I think we knew each other back then.  You were known as Dirty Captain Crunch  
/obscure geek reference


----------



## ballen0351

Im having trouble with the PM system today.  It shows new messages but when I click inbox it goes to a blank white screen.I have to keep exiting out and reloading before it works.  THen when I try to respond I keep getting getting a java script error and have to try to send like 6 or 7 times before it sends it.
The entire page it really slow today.  
Also several times today Id hit the reply on a post and it would kick me out to the main page again


----------



## Transk53

Could someone pleas tell this idiot how to see the thanks, agrees and so on. I hover over the icon, but nothing shows?


----------



## ballen0351

Still keep getting a blank white screen when I click on some of the threads.  Other times it just refreshes back to the main page


----------



## Dirty Dog

Transk53 said:


> Could someone pleas tell this idiot how to see the thanks, agrees and so on. I hover over the icon, but nothing shows?



Are you talking about seeing likes/etc that others have given you, or the buttons to like a post?
Ones you're given show up in the lower left corner of the liked post. The icons to the lower right you hover over and click to like a post.
If you want to see old likes, you can check under the ALERTS button or in your profile.



ballen0351 said:


> Still keep getting a blank white screen when I click on some of the threads.  Other times it just refreshes back to the main page



Odd. I'm not having any problem like that. It does seem that things take longer to load when I'm on this computer (Windows 8 with desktop IE) compared to my laptop (Windows 7 with IE) or even from work (Windows XP with a crayon).


----------



## ballen0351

Yeah when the white screen shows up the address bar at the top gets some crazy url address I'll write it down next time.


----------



## Transk53

Dirty Dog said:


> Are you talking about seeing likes/etc that others have given you, or the buttons to like a post?
> Ones you're given show up in the lower left corner of the liked post.

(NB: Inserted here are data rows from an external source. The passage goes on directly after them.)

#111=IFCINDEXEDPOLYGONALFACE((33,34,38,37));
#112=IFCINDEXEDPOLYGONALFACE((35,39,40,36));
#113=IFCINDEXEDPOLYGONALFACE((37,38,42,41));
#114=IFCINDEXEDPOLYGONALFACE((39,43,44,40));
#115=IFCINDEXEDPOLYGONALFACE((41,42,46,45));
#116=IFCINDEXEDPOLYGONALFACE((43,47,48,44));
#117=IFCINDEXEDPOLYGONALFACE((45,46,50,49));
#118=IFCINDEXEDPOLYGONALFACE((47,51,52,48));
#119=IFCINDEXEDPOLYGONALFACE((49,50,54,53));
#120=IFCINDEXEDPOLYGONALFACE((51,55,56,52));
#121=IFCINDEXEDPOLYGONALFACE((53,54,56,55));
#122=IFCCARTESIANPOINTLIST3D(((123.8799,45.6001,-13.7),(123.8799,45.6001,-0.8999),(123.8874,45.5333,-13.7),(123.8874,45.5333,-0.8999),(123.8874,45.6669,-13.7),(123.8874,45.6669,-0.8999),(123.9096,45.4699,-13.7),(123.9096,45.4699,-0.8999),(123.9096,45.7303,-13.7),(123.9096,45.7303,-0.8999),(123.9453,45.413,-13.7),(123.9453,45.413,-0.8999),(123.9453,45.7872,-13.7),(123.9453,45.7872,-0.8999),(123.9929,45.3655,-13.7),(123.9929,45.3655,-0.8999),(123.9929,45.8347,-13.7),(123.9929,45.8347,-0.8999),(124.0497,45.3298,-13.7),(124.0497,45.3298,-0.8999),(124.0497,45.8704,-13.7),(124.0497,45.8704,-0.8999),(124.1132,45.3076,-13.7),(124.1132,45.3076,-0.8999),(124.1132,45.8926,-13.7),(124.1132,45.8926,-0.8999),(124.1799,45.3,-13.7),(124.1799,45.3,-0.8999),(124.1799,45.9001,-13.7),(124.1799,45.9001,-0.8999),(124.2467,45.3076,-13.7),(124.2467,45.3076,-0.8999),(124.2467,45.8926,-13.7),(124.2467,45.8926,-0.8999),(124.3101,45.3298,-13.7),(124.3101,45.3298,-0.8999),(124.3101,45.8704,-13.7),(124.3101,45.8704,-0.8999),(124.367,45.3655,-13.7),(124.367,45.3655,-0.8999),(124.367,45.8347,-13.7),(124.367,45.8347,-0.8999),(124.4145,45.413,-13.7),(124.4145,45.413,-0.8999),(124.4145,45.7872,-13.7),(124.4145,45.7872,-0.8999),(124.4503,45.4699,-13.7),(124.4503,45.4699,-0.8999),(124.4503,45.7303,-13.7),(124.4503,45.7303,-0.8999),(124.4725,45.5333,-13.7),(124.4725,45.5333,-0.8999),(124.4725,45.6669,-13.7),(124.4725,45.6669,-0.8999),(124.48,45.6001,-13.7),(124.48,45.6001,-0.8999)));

Yes, but other members rather than mine.


----------



## Bob Hubbard

ballen0351 said:


> Still keep getting a blank white screen when I click on some of the threads.  Other times it just refreshes back to the main page



It's being looked into.



Transk53 said:


> Yes, but other members rather than mine.

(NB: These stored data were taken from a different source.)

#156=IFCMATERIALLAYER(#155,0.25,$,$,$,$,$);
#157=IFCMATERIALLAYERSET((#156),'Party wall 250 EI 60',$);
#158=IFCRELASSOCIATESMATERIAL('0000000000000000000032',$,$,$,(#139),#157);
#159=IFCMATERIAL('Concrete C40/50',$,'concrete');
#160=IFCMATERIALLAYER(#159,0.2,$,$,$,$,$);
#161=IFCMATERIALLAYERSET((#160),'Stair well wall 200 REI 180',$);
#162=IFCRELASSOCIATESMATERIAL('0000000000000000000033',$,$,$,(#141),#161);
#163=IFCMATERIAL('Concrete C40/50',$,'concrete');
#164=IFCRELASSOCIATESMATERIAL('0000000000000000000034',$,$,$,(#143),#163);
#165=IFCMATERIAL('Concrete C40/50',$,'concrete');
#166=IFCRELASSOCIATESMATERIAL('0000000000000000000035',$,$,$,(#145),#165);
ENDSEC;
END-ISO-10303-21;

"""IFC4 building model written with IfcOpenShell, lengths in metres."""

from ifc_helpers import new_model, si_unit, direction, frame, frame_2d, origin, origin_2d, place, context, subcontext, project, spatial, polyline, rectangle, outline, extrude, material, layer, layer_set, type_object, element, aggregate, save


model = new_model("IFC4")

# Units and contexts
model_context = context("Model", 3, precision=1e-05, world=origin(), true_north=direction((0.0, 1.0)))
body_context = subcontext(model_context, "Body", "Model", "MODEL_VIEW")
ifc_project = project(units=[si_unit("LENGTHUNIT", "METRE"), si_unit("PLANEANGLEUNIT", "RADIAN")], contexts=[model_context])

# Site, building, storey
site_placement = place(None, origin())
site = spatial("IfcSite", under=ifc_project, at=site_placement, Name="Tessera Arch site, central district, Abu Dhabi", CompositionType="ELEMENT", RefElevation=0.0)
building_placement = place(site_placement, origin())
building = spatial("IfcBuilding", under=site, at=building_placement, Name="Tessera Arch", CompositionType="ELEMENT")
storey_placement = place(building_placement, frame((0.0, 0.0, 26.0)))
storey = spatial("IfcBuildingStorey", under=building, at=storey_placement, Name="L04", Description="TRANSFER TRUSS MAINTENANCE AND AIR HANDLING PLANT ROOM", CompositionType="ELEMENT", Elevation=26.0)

Might be a permissions setting like the old rep system had.


----------



## ballen0351

Thanks not trying 


Bob Hubbard said:


> It's being looked into.
> 
> 
> 
> Might be a permissions setting like the old rep system had.


to be a pain just didnt know if anyone else has that issue.


----------



## Bob Hubbard

Not a pain.  We can't fix it if we don't know it's broken / still broken.


----------



## Danny T

The only way I've been able to see all the likes, agrees, etc. on a post that has multiples is to go to my account and personal details, click on Ratings Received on the left side of the screen. All ratings will be listed and whom.


----------



## ballen0351

I keep getting this error when I try to open my PM inbox


----------



## cereal killer

ballen0351 said:


> I keep getting this error when I try to open my PM inbox


That happens because you are timing out. Once you refresh that fixes it (as you noticed), but your other issues seem to be browser/settings/cookie related. Have you changed the default settings of your browser or the way it handles cookies etc etc?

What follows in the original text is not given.